# ad22vf help.



## tim's 95 se-r (Dec 26, 2002)

are all 93 japan nx2000's abs? i'm going to order the calipers through a parts store, and buy the brackets seperate, but no parts place has asked abs or not. only japan, or u.s.

ive already searched, and this particlar question wasnt answered.
i know i need the abs calipers.
thanks.


----------



## sethwas (Apr 30, 2002)

Hmm,
I would vote on the cautious side and say no. So specify it anyway.

Seth


----------



## By Nature (Apr 30, 2002)

I searched and here is what I found based on someone elses statement:
nx2k japan made with abs ad22vf. nx2k u.s. made with or with out abs ad18. 

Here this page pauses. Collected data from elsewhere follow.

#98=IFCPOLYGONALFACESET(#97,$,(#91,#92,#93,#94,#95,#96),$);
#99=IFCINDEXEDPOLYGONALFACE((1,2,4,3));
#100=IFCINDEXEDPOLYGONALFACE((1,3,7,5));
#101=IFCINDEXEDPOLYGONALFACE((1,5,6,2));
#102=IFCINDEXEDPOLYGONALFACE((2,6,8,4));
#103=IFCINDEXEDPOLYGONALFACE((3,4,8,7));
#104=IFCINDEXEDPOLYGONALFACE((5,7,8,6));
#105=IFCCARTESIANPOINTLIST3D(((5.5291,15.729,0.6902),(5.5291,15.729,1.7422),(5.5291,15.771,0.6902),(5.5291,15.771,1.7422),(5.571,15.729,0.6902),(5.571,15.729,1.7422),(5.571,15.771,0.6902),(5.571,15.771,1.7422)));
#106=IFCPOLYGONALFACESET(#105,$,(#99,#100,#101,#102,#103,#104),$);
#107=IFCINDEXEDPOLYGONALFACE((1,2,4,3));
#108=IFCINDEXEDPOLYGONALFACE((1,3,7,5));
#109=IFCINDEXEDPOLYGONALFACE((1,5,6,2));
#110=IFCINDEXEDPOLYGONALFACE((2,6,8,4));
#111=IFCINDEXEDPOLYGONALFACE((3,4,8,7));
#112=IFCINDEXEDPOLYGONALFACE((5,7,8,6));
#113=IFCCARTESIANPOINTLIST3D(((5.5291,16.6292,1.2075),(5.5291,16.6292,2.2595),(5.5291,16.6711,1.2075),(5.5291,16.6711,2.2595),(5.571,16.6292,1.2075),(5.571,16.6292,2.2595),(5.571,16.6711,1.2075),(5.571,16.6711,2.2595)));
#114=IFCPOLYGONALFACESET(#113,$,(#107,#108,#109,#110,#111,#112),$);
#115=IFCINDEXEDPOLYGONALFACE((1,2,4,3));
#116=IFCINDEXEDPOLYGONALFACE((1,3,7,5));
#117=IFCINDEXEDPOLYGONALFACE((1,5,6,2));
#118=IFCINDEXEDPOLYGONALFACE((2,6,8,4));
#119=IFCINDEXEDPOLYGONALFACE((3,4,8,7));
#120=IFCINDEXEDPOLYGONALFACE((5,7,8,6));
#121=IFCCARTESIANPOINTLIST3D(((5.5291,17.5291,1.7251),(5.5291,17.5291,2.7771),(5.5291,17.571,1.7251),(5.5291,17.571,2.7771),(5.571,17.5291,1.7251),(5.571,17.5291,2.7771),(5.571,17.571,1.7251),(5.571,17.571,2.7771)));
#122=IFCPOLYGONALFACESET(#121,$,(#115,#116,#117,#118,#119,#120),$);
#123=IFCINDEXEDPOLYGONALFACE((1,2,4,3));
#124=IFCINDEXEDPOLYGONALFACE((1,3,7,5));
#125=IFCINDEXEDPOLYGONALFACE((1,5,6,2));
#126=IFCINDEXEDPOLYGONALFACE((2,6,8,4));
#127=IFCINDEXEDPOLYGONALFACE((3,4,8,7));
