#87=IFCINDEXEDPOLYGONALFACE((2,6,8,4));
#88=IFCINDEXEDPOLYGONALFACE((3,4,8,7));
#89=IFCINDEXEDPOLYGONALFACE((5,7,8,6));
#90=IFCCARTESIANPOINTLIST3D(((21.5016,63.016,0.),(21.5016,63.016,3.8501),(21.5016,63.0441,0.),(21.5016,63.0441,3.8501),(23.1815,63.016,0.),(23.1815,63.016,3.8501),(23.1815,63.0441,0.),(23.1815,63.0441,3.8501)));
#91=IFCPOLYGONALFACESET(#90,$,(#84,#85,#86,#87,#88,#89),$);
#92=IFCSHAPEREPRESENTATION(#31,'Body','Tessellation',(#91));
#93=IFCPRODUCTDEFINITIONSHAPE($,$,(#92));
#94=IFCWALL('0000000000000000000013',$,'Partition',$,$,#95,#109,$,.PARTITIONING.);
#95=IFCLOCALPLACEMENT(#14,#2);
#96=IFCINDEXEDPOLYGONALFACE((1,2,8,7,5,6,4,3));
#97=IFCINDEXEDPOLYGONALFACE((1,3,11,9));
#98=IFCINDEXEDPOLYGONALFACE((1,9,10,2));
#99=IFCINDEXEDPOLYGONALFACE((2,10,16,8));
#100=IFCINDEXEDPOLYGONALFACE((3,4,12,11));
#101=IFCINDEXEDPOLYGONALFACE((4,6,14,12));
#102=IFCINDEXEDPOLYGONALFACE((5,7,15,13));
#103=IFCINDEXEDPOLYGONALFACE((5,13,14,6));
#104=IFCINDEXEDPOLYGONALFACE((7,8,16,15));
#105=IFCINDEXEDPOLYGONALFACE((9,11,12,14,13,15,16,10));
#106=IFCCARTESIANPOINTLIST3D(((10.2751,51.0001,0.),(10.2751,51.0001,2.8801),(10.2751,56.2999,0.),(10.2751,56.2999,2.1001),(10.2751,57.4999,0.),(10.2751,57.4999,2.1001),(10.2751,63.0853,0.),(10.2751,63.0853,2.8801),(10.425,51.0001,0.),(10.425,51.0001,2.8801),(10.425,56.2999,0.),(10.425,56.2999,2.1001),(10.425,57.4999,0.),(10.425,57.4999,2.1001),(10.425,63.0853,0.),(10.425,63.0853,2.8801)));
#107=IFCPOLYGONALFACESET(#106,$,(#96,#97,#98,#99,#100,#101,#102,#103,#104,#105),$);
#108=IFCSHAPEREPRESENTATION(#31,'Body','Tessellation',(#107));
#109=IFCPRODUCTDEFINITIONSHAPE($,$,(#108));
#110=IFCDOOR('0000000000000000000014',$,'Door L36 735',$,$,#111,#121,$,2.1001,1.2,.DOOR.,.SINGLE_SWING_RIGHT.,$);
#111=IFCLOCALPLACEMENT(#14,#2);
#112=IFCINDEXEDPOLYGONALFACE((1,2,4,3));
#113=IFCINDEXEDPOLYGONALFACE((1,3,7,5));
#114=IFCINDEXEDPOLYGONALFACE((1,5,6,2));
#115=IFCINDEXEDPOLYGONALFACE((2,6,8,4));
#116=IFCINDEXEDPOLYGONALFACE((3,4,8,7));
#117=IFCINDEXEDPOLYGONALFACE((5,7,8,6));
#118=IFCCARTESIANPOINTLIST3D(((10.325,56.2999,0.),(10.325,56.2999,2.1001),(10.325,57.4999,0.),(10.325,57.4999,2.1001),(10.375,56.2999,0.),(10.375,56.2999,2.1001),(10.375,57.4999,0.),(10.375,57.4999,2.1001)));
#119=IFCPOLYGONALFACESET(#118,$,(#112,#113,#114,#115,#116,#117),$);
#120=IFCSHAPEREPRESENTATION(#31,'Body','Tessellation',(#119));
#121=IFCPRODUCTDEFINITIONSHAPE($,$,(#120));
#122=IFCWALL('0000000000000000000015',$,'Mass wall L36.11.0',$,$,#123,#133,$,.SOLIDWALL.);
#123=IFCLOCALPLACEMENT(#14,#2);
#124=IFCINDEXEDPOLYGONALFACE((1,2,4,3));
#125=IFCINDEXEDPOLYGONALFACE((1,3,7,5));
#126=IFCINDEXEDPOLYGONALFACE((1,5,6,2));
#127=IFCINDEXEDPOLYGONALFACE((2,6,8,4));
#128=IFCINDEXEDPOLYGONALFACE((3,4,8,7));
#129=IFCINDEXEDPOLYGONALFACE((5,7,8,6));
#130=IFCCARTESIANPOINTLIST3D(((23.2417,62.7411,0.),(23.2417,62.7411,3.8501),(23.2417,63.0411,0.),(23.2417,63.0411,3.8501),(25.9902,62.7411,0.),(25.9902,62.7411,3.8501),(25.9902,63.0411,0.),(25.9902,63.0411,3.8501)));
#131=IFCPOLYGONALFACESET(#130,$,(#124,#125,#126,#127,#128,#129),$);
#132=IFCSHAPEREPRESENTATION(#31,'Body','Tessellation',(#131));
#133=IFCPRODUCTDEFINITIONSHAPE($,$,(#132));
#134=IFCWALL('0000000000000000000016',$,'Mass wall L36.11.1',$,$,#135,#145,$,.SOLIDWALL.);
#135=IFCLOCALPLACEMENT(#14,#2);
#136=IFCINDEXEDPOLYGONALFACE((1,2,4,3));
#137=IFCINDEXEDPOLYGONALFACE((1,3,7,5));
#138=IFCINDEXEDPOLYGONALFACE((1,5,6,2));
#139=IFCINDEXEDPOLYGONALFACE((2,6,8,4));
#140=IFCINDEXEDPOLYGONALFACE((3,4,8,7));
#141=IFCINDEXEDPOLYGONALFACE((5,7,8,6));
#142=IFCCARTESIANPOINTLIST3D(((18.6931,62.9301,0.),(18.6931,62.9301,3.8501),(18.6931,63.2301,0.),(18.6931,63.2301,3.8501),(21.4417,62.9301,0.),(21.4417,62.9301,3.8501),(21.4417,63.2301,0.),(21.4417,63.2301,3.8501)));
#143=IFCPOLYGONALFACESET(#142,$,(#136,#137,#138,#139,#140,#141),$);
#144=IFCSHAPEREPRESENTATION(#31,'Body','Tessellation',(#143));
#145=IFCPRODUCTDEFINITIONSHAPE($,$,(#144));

thus if japan then ad22vf .. another thing to look for is I believe NX "SE" trim have ABS = japan = ad22vf.. atleast all 26x257mm rotors are marked under NX2k SE

source: http://www.nissanforums.com/showthread.php?threadid=2876


----------



## onyxeros (Jul 26, 2002)

ALWAYS GO JDM for these calipers, never go USDM, you will end up with only se-r parts.

O


----------



## bahearn (Jul 15, 2002)

NX was never built in North America.

Ask for 1991 NX2000 ABS Japanese model...as has been stated several time in recent brake threads.

A search will reveal dimensions you can check the new parts against.


----------